Der Sturm traf neben Bochum auch das Festival in Essen-Werden und sorgte für so manches kleines Abenteuer.
„MC Fitti, Fitti, Fitti ist am Start! MC Fitti, Fitti, Fitti mit’m Bart!“ Damit wird der Schluss-Act des Pfingst Open Air Festivals in Essen-Werden eingeläutet. Am Himmel über den Bäumen, die am Ende der großen Wiese des Festivalgeländes stehen, ist eine dunkelgraue Wand aus Wolken zu sehen, welche die Sonne verdeckt. Die ersten BesucherInnen des Festivals gehen vorsichtshalber los, um nicht durchnässt nach Hause zu kommen. An diesem Punkt denkt niemand daran, dass das Unwetter mindestens sechs Menschenleben fordern oder Schäden in Millionenhöhe verursachen würde. Von weitem sieht man eindrücklich, wie Blitze schlagartig den Himmel erhellen und genauso ist der Donner zu hören. MC Fitti ruft nun zum Regentanz − und ja, der Regen kommt. Mit dabei ist auch der Wind, der nicht lange braucht, um zum Sturm zu werden und sich gegen die Bäume lehnt. Aus dem Losgehen wird für viele ein Laufen. Aus der Masse von BesucherInnen, die das Festivalgelände verlassen haben, lösen sich kleine Gruppen, um unter den Dächern der Gebäude Schutz zu finden. Alles mögliche passiert jetzt gleichzeitig. Einen Überblick zu bekommen ist schwer, besonders weil Regen und auch Staub die Sicht erschweren. Nicht weit von der Bahnstation Essen-Werden ist eine Brücke aus Beton, unter der Schutz gesucht wird, um vom Chaos Abstand zu gewinnen. Die vielen Menschen wirken aus der Entfernung wie eine Menschenschlange, die sich ihren Weg zum Bahnhof bahnen will. Die erste Beunruhigung legt sich und weicht einer positiven Partystimmung. Hunderte stimmen „Seven Nation Army“ der White Stripes an und es wird fast ausgelassen weitergefeiert. Ein großer Ast bricht ab, stürzt auf den rechten Rand der Menschenschlange, womit es schlagartig still ist. Junge Frauen beginnen zu kreischen, der Funken werfende Grill des Restaurants verstärkt zudem das bedrohlich wirkende Szenario. Ein zweiter Ast stürzt kurz danach runter, aber dieser wird scheinbar von den Betroffenen aufgefangen. „Ich habe nicht gesehen, dass jemand dadurch verletzt wurde“, sagt im Nachhinein ein RUB-Student, der die Situation aus nächster Nähe erlebt hatte und berichtet, dass es weniger schlimm ausging, als es vom weiten aussah.

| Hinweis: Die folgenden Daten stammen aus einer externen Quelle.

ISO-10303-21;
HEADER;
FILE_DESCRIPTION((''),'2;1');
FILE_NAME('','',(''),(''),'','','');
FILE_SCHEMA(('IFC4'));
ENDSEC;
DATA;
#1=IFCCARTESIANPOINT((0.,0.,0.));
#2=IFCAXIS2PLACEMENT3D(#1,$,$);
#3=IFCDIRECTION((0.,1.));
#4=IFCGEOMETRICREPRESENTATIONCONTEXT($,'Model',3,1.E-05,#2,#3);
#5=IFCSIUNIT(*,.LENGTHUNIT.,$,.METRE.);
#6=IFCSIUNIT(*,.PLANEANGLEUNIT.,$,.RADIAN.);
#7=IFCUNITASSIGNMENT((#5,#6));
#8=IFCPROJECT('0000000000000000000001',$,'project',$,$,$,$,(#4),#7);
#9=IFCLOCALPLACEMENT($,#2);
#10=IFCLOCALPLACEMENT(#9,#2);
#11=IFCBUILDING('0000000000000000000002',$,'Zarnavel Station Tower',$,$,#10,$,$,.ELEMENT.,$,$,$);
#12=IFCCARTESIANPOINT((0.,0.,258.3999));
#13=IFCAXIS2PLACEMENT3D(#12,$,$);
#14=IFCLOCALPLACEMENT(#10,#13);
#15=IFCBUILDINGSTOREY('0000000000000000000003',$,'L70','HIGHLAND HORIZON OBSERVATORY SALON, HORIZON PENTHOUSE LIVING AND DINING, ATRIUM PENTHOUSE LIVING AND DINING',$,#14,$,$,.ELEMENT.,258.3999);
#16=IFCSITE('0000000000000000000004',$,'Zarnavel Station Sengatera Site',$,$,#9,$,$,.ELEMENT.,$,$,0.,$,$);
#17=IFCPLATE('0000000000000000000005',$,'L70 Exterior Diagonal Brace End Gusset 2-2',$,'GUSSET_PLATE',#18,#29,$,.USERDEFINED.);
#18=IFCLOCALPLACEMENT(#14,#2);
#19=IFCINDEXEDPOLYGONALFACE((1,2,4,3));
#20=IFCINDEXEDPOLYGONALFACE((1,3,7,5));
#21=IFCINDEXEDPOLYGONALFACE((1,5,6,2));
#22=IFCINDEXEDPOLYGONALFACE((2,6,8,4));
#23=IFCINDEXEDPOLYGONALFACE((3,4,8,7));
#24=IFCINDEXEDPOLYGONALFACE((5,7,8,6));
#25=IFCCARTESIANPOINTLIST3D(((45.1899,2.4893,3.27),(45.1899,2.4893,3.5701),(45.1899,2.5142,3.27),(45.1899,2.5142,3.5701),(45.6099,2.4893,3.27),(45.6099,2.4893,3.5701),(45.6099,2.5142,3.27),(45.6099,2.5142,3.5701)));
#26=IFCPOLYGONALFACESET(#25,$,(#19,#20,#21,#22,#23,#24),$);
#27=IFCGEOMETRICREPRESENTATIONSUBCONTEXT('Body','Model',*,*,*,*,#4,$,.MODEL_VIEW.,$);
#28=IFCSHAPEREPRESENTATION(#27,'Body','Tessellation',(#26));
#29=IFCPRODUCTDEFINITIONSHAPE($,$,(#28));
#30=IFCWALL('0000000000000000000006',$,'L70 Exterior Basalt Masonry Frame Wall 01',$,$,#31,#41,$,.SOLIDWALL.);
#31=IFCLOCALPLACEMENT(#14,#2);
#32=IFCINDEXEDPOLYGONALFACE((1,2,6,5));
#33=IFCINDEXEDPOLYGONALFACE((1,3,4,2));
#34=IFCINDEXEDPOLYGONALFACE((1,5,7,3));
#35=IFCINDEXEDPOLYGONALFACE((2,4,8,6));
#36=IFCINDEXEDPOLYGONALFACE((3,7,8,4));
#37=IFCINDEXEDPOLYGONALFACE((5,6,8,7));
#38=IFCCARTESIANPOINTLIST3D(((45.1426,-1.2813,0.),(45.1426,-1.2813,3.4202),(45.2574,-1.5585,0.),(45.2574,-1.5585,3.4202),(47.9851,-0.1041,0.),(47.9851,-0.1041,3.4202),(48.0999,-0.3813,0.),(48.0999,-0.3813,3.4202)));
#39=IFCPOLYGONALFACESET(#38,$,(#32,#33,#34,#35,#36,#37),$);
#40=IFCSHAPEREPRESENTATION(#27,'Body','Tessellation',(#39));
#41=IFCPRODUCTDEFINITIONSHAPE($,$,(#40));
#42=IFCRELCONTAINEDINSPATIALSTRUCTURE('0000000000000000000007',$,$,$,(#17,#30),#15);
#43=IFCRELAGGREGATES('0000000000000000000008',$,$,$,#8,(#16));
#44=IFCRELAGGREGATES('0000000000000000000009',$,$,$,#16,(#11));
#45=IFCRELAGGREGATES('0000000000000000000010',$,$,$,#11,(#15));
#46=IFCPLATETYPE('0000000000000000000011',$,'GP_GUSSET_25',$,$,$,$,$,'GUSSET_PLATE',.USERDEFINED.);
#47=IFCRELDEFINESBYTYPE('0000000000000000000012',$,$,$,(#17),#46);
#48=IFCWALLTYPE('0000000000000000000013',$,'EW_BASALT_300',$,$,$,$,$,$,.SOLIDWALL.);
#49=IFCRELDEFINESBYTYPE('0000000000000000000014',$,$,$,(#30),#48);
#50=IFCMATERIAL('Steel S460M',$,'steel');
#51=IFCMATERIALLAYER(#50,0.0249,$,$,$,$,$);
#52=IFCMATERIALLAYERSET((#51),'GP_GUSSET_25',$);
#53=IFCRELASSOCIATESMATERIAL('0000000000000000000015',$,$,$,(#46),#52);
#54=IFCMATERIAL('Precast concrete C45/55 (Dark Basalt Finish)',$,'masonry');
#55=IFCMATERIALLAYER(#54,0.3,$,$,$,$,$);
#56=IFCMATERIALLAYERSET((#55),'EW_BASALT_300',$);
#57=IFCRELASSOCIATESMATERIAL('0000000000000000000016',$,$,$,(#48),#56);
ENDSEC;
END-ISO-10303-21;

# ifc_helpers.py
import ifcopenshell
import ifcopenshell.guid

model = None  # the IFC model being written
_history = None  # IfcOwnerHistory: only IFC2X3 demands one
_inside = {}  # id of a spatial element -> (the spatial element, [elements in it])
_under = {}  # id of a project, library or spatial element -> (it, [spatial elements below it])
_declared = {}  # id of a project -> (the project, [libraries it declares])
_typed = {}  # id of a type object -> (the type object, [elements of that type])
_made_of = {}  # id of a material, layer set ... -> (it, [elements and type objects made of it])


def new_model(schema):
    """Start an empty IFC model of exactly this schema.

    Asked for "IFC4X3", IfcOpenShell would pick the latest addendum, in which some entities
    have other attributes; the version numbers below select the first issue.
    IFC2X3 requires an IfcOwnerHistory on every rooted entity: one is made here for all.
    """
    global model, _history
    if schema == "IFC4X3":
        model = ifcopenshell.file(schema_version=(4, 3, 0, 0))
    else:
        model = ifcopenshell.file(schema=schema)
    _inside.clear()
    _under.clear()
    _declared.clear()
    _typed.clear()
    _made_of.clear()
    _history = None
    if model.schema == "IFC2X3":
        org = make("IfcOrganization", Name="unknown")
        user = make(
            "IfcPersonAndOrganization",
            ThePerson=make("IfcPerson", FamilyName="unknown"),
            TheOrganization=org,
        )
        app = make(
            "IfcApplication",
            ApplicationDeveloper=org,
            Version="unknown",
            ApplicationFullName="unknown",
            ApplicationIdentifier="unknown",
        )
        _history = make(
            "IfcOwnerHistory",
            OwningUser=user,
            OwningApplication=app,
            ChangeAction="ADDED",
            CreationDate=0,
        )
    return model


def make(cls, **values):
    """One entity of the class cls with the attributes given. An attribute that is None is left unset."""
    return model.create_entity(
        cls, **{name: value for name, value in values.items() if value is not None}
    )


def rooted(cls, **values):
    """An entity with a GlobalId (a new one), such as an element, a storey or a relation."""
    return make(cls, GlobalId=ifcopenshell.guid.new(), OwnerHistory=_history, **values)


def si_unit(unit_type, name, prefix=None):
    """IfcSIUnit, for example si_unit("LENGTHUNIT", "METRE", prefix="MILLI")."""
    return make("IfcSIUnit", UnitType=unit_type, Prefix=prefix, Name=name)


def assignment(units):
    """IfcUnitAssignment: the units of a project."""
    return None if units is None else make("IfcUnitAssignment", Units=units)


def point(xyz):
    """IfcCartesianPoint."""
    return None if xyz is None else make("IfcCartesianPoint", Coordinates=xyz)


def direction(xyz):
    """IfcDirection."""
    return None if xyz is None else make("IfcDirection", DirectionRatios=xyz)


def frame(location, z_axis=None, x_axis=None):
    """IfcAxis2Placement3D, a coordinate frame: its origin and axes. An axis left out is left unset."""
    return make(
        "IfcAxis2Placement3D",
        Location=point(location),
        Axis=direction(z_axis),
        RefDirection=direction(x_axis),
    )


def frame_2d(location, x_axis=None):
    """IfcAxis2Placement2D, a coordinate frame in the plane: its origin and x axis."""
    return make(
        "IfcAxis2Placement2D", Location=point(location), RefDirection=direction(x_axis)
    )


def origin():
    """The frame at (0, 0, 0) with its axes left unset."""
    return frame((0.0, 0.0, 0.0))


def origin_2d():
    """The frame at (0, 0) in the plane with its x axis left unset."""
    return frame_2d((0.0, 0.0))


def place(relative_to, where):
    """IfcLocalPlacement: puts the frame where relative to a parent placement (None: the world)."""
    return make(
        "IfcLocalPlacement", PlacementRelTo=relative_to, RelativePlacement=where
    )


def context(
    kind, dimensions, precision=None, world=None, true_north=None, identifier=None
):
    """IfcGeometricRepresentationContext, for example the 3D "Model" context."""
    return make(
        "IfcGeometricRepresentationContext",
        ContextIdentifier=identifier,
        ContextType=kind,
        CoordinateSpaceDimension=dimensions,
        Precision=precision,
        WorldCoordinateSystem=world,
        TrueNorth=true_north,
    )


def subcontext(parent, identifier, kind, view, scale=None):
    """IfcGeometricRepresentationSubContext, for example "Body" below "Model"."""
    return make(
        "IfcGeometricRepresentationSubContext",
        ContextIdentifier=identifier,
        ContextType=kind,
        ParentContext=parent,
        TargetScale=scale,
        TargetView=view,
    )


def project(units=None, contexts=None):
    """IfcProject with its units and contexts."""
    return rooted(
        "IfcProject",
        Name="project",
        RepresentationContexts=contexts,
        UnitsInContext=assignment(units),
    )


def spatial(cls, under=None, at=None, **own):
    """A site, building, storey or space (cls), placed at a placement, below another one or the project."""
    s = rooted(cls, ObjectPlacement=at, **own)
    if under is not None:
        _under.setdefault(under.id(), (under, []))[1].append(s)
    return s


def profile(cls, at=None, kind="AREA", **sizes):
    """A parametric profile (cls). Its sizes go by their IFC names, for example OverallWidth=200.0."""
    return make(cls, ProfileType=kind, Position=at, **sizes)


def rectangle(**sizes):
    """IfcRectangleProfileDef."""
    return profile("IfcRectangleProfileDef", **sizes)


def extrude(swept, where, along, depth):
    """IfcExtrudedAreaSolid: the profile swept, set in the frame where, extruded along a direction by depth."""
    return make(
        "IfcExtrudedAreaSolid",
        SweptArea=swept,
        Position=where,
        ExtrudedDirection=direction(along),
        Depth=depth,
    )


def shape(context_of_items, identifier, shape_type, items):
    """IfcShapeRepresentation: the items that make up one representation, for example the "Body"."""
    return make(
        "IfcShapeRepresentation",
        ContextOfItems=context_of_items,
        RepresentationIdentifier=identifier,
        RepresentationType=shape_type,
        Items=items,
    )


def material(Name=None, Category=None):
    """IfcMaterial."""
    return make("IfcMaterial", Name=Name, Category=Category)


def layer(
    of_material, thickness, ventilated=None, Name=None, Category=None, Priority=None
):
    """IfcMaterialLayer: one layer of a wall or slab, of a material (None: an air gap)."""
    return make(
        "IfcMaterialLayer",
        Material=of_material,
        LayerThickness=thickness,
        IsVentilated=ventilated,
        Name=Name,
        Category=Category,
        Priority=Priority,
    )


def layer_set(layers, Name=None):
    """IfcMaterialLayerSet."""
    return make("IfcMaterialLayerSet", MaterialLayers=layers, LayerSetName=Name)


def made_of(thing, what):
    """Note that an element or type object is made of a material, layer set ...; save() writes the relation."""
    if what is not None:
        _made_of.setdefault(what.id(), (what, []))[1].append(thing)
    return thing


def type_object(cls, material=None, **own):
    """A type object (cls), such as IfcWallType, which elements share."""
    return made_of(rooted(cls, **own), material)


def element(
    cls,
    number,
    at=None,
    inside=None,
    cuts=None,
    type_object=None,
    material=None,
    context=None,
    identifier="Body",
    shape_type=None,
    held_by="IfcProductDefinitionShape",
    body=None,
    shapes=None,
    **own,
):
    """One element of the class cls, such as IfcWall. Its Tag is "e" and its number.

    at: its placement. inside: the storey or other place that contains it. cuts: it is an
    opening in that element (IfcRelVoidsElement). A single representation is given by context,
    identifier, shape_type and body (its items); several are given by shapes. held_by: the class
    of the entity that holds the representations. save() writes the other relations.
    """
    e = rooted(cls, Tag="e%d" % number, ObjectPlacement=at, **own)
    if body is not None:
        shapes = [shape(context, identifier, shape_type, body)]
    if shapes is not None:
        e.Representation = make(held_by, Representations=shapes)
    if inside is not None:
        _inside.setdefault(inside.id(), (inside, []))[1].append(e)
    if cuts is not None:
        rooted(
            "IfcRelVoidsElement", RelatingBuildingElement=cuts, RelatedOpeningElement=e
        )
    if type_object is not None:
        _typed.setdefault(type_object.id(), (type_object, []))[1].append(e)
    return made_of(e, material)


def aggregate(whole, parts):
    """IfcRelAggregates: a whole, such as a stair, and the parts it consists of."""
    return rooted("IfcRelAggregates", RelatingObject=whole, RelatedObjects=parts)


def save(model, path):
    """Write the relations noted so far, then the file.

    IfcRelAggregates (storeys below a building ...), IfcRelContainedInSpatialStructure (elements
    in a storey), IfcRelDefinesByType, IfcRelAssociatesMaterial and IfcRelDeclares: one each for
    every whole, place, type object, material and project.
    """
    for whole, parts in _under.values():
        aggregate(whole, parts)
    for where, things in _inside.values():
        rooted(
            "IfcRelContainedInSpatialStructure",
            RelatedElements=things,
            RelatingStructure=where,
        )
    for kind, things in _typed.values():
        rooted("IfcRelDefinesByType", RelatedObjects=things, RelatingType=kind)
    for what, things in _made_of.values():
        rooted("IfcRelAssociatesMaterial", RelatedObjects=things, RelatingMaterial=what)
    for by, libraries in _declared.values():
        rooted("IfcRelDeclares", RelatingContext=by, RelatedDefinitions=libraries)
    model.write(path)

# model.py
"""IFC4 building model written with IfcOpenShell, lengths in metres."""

from ifc_helpers import new_model, si_unit, direction, frame, frame_2d, origin, origin_2d, place, context, subcontext, project, spatial, rectangle, extrude, material, layer, layer_set, type_object, element, save


model = new_model("IFC4")

# Units and contexts
model_context = context("Model", 3, precision=1e-05, world=origin(), true_north=direction((0.0, 1.0)))
body_context = subcontext(model_context, "Body", "Model", "MODEL_VIEW")
ifc_project = project(units=[si_unit("LENGTHUNIT", "METRE"), si_unit("PLANEANGLEUNIT", "RADIAN")], contexts=[model_context])

# Site, building, storey
site_placement = place(None, origin())
site = spatial("IfcSite", under=ifc_project, at=site_placement, Name="Zarnavel Station Sengatera Site", CompositionType="ELEMENT", RefElevation=0.0)
building_placement = place(site_placement, origin())
building = spatial("IfcBuilding", under=site, at=building_placement, Name="Zarnavel Station Tower", CompositionType="ELEMENT")
storey_placement = place(building_placement, frame((0.0, 0.0, 258.3999)))
storey = spatial("IfcBuildingStorey", under=building, at=storey_placement, Name="L70", Description="HIGHLAND HORIZON OBSERVATORY SALON, HORIZON PENTHOUSE LIVING AND DINING, ATRIUM PENTHOUSE LIVING AND DINING", CompositionType="ELEMENT", Elevation=258.3999)

# Plate
ifc_material_1 = material(Name="Steel S460M", Category="steel")
ifc_layer_1 = layer(ifc_material_1, 0.0249)
ifc_layer_set_1 = layer_set([ifc_layer_1], Name="GP_GUSSET_25")
plate_type_1 = type_object("IfcPlateType", Name="GP_GUSSET_25", ElementType="GUSSET_PLATE", PredefinedType="USERDEFINED", material=ifc_layer_set_1)
plate_1_placement = place(storey_placement, frame((45.3999, 2.5017, 3.27), z_axis=(0.0, 0.0, 1.0), x_axis=(1.0, 0.0, 0.0)))
element("IfcPlate", 1, at=plate_1_placement, inside=storey, type_object=plate_type_1, Name="L70 Exterior Diagonal Brace End Gusset 2-2", ObjectType="GUSSET_PLATE", PredefinedType="USERDEFINED", context=body_context, shape_type="SweptSolid", body=[
    extrude(rectangle(XDim=0.4199, YDim=0.0249, at=origin_2d()), origin(), (0.0, 0.0, 1.0), 0.3),
])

Rettungswagen und Polizei treffen zügig ein, aber auch die ersten Wagen, die zum Festival gehören, wollen wie die BesucherInnen das Gelände verlassen. Unter der Brücke ist wenig Platz und trotzdem pressen sich Wagen unter Regelung der Polizei durch die Schutzsuchenden. Das erwähnte Restaurant entwickelt sich währenddessen zu einer Notversorgungsstation und auch die unter der Brücke Ausharrenden werden mit weißen Plastikdecken versorgt, um sie vor Unterkühlung zu schützen. Langsam stabilisiert sich alles in Essen-Werden. Am Bahnhof hoffen viele die überfüllte S-Bahn nehmen zu können, die nicht mehr fahren wird, und sofern möglich werden Familie, Freunde, Bekannte angerufen, um noch nach Hause zu kommen. Die Atmosphäre am Bahnsteig wird währenddessen durch Musik von Punkern aufgelockert, die es sich dort gemütlich gemacht haben.
Ungefähr um 22:30 Uhr beginnen die ergänzenden Schutzmaßnahmen. Ein Zelt wird aufgebaut, die naheliegende Turnhalle wird zu einer Notunterkunft umfunktioniert. Die Unterschlupfsuchenden erhalten in der Turnhalle Matten, Decken, Getränke, warme Hühnersuppe und weitere Hilfe. Es wird also viel getan und die Feuerwehr, Polizei und anderen Hilfsorganisationen bemühen sich spürbar, die Situation zu verbessern. Ein Dank gilt an dieser Stelle allen HelferInnen.